Вообще он никому ничем не угрожал; гром, тарарах, а — губительная молния не падала; но лицо освещалось улыбкой, как полярная ночь сиянием. Все же «методы» распаляли страсти отца; и согласись до конца Дроздов на метод держания молотка, он был бы обременен вторым, третьим, четвертым методом; читались бы лекции; и метод стирания пыли с башмаков излагался бы в пунктах и подпунктах: а, б, в, г и т. д. Каждый подпункт был бы сформулирован ясно, кратко, точно.

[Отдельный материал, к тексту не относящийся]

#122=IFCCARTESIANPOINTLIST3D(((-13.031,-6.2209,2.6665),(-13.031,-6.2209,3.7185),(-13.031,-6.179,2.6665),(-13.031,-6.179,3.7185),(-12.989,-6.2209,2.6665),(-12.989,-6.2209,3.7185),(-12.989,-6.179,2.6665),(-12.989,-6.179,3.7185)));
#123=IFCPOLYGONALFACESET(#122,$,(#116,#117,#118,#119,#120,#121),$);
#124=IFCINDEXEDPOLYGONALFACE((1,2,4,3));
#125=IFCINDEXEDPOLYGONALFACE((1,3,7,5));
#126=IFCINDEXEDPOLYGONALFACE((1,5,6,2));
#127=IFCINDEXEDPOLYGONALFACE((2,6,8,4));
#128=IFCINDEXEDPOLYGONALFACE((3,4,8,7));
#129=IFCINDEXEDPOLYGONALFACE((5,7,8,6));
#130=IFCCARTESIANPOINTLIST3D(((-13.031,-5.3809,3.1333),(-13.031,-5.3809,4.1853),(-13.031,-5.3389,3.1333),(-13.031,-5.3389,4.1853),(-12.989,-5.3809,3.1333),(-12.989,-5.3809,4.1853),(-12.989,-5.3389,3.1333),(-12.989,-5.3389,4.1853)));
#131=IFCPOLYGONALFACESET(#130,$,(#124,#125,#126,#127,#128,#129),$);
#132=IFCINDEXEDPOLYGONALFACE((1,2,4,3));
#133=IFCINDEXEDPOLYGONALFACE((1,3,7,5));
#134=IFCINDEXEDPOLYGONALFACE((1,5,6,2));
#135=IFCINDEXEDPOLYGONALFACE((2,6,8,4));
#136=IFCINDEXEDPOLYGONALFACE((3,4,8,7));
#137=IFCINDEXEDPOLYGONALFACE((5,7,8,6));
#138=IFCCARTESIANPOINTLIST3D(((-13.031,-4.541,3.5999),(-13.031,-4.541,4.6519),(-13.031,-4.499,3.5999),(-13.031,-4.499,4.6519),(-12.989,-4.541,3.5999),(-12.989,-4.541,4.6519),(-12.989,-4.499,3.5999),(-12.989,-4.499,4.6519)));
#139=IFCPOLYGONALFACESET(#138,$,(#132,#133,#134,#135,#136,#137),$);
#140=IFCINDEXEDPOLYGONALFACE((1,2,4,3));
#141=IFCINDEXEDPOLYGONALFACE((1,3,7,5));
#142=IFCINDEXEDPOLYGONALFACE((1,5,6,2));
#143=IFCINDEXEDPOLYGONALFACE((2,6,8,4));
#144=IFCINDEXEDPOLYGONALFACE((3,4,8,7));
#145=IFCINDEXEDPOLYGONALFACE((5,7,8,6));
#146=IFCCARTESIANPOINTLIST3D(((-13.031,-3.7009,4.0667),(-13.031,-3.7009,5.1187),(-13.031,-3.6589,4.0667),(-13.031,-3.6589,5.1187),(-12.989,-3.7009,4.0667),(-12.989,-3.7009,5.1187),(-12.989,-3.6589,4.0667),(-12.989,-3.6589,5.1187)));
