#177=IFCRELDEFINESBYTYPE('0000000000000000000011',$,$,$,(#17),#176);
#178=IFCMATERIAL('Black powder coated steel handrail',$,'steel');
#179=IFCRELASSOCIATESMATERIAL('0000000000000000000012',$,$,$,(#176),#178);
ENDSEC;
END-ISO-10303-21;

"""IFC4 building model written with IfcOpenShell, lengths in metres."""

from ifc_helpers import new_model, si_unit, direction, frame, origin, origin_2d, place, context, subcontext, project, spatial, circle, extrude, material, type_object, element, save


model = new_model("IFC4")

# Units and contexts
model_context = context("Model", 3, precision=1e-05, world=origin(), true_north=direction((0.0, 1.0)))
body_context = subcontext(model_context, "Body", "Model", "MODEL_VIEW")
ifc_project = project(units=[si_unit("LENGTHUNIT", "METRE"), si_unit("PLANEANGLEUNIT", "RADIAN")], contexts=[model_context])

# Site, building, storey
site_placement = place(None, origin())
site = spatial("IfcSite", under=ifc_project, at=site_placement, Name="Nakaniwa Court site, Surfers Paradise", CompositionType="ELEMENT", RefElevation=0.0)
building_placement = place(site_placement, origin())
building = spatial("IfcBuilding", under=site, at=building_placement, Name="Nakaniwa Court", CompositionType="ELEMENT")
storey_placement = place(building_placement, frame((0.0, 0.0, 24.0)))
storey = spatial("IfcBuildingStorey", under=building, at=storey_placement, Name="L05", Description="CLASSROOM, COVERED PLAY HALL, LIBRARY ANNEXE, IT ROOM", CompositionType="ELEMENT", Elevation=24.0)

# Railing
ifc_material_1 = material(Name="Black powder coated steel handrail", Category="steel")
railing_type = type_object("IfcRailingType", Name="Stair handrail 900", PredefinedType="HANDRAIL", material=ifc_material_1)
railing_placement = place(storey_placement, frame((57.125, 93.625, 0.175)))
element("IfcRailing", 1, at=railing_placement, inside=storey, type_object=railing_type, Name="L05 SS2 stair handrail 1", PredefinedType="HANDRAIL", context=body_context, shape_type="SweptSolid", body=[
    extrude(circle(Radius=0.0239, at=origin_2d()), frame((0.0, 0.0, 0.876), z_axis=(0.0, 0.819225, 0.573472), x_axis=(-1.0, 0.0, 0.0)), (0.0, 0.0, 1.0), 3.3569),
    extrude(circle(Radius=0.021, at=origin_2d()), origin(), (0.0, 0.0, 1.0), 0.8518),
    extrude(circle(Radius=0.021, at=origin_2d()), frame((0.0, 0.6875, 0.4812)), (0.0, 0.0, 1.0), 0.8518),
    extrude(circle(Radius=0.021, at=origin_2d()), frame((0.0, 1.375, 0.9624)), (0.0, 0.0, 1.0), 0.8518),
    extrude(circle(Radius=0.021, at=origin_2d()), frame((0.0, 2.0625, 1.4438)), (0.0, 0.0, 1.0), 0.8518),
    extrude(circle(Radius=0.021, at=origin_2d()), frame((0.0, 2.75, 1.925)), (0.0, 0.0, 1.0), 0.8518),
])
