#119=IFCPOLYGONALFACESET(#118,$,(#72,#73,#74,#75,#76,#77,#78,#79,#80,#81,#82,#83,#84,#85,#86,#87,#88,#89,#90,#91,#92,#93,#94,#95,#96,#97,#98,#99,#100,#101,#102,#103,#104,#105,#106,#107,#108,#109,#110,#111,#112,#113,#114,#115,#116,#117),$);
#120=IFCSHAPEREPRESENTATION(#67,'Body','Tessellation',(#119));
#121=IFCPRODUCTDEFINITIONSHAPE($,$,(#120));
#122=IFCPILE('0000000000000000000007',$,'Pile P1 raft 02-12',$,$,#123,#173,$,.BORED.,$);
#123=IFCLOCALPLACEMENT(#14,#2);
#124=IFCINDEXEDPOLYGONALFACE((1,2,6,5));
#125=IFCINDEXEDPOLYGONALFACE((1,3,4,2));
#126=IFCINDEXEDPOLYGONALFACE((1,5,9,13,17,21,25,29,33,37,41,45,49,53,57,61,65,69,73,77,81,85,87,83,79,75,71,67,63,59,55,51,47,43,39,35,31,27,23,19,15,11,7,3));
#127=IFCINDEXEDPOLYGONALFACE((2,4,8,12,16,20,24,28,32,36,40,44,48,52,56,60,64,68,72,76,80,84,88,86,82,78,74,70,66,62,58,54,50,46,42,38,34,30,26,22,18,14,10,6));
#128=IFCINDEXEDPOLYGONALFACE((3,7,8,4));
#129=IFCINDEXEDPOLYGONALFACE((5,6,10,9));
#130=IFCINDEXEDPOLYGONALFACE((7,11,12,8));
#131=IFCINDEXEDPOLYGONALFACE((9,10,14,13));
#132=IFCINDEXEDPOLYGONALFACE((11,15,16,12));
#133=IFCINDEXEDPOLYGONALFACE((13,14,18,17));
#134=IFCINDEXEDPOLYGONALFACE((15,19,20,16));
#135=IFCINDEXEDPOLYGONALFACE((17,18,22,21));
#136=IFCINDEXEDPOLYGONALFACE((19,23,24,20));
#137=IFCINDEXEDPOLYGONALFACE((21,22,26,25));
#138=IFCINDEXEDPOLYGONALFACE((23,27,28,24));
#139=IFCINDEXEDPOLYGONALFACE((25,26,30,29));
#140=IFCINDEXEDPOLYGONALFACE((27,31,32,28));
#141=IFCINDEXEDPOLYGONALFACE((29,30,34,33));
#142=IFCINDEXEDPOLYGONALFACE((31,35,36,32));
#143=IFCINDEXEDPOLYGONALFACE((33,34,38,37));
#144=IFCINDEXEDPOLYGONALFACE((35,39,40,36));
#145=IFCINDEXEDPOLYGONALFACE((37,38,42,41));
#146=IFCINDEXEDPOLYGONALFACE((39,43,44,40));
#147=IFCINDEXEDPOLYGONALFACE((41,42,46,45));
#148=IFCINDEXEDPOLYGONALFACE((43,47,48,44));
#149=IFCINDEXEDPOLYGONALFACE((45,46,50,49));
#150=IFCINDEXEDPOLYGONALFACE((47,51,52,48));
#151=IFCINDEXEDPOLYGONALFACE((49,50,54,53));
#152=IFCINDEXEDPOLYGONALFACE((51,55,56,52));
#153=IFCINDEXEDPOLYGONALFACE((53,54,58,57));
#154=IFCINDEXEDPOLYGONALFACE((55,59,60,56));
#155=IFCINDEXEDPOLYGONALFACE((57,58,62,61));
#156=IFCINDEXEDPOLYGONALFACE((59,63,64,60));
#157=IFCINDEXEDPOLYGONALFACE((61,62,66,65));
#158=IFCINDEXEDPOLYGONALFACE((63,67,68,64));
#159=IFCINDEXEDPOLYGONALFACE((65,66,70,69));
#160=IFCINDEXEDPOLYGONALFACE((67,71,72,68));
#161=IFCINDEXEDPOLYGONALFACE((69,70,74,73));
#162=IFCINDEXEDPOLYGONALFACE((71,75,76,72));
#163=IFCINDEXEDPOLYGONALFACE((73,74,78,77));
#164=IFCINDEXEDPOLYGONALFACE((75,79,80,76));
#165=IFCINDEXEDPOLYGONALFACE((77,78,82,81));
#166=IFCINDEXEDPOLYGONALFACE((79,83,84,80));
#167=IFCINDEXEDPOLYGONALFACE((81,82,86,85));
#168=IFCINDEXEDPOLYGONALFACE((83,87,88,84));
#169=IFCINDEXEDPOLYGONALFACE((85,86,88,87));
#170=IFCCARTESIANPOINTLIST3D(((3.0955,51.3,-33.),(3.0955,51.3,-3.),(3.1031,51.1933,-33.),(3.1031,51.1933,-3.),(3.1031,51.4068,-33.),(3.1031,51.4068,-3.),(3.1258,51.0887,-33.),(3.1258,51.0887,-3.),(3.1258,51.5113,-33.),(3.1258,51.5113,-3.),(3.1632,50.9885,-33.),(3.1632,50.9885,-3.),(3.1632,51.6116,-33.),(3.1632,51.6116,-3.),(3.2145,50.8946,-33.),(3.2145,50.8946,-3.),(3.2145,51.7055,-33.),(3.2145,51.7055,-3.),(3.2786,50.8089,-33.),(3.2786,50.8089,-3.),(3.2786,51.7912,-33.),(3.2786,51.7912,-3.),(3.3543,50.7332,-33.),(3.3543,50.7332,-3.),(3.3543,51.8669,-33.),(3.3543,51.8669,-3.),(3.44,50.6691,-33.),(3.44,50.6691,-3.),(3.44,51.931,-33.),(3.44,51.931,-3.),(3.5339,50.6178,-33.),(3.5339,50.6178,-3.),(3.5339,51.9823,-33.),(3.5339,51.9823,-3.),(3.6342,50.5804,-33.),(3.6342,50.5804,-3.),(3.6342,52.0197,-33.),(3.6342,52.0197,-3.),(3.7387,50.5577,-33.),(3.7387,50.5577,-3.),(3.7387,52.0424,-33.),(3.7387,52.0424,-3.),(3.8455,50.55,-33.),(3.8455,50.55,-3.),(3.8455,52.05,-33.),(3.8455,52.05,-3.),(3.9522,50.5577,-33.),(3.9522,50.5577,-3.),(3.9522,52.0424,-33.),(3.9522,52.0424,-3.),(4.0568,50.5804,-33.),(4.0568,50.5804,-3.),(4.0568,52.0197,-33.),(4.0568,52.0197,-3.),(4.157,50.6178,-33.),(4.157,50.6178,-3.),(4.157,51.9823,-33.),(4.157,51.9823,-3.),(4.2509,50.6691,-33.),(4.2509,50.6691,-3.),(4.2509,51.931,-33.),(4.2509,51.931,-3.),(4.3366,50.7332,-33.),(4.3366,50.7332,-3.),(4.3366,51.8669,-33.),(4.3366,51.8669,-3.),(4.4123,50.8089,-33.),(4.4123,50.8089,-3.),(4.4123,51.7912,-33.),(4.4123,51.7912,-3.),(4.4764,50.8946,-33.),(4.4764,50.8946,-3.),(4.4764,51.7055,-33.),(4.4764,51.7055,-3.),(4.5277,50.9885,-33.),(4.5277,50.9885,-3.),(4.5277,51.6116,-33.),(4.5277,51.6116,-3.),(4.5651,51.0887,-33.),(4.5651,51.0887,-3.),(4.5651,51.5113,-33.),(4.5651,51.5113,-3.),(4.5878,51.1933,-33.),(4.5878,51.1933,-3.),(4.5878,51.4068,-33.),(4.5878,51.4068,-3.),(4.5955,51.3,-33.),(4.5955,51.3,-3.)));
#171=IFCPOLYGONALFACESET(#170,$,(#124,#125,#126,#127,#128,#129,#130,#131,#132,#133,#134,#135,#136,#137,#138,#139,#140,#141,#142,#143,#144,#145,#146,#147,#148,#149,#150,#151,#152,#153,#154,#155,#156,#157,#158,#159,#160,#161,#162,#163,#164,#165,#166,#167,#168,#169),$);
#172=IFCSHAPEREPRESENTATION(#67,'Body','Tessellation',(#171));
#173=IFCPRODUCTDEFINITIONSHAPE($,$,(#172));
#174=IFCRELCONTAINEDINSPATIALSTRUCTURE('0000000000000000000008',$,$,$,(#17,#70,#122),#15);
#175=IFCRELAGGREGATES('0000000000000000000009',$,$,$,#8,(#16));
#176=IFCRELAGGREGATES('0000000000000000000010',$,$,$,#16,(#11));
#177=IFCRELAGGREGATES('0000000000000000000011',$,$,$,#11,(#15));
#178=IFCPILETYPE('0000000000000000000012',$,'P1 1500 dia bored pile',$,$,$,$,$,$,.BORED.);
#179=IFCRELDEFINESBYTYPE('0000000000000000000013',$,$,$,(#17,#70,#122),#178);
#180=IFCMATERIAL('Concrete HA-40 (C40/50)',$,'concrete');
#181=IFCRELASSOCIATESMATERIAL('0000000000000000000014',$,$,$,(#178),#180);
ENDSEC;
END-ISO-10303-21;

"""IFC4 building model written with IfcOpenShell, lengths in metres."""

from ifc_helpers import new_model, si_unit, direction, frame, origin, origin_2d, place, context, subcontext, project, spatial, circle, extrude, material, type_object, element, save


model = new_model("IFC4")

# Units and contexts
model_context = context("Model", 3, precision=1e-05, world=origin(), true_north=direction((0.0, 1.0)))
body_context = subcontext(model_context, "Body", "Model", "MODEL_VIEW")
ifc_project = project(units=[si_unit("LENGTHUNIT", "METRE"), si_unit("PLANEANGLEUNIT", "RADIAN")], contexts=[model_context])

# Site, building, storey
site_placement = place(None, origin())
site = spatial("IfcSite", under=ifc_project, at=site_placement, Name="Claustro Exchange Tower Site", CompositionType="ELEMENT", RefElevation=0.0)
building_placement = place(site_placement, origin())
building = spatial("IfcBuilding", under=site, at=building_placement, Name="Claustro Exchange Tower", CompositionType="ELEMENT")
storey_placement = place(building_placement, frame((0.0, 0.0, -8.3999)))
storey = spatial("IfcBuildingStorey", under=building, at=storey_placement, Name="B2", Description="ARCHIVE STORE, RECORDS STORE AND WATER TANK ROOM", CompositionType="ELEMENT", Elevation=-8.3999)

Он требовал формулировки; он все формулировал.
Бывало, в споре:
— А что есть сознание?
— А вы сами скажите-ка!
— Сознание, — и улыбка торжества едко пронзала спрашивающего, — есть знание чего-либо в связи с чем-либо.
Иные из формул его были оригинальны, изящны; спор его с противником сводился к требованию сформулировать; и он сократическим способом доводил до сознания, что спорщик употребляет слова, которых он сам сформулировать не умеет; как был свиреп отец в требовании формулы:
— Вот-с, Боренька, даю тебе пять минут для доказательства, что твой Гамсун художник.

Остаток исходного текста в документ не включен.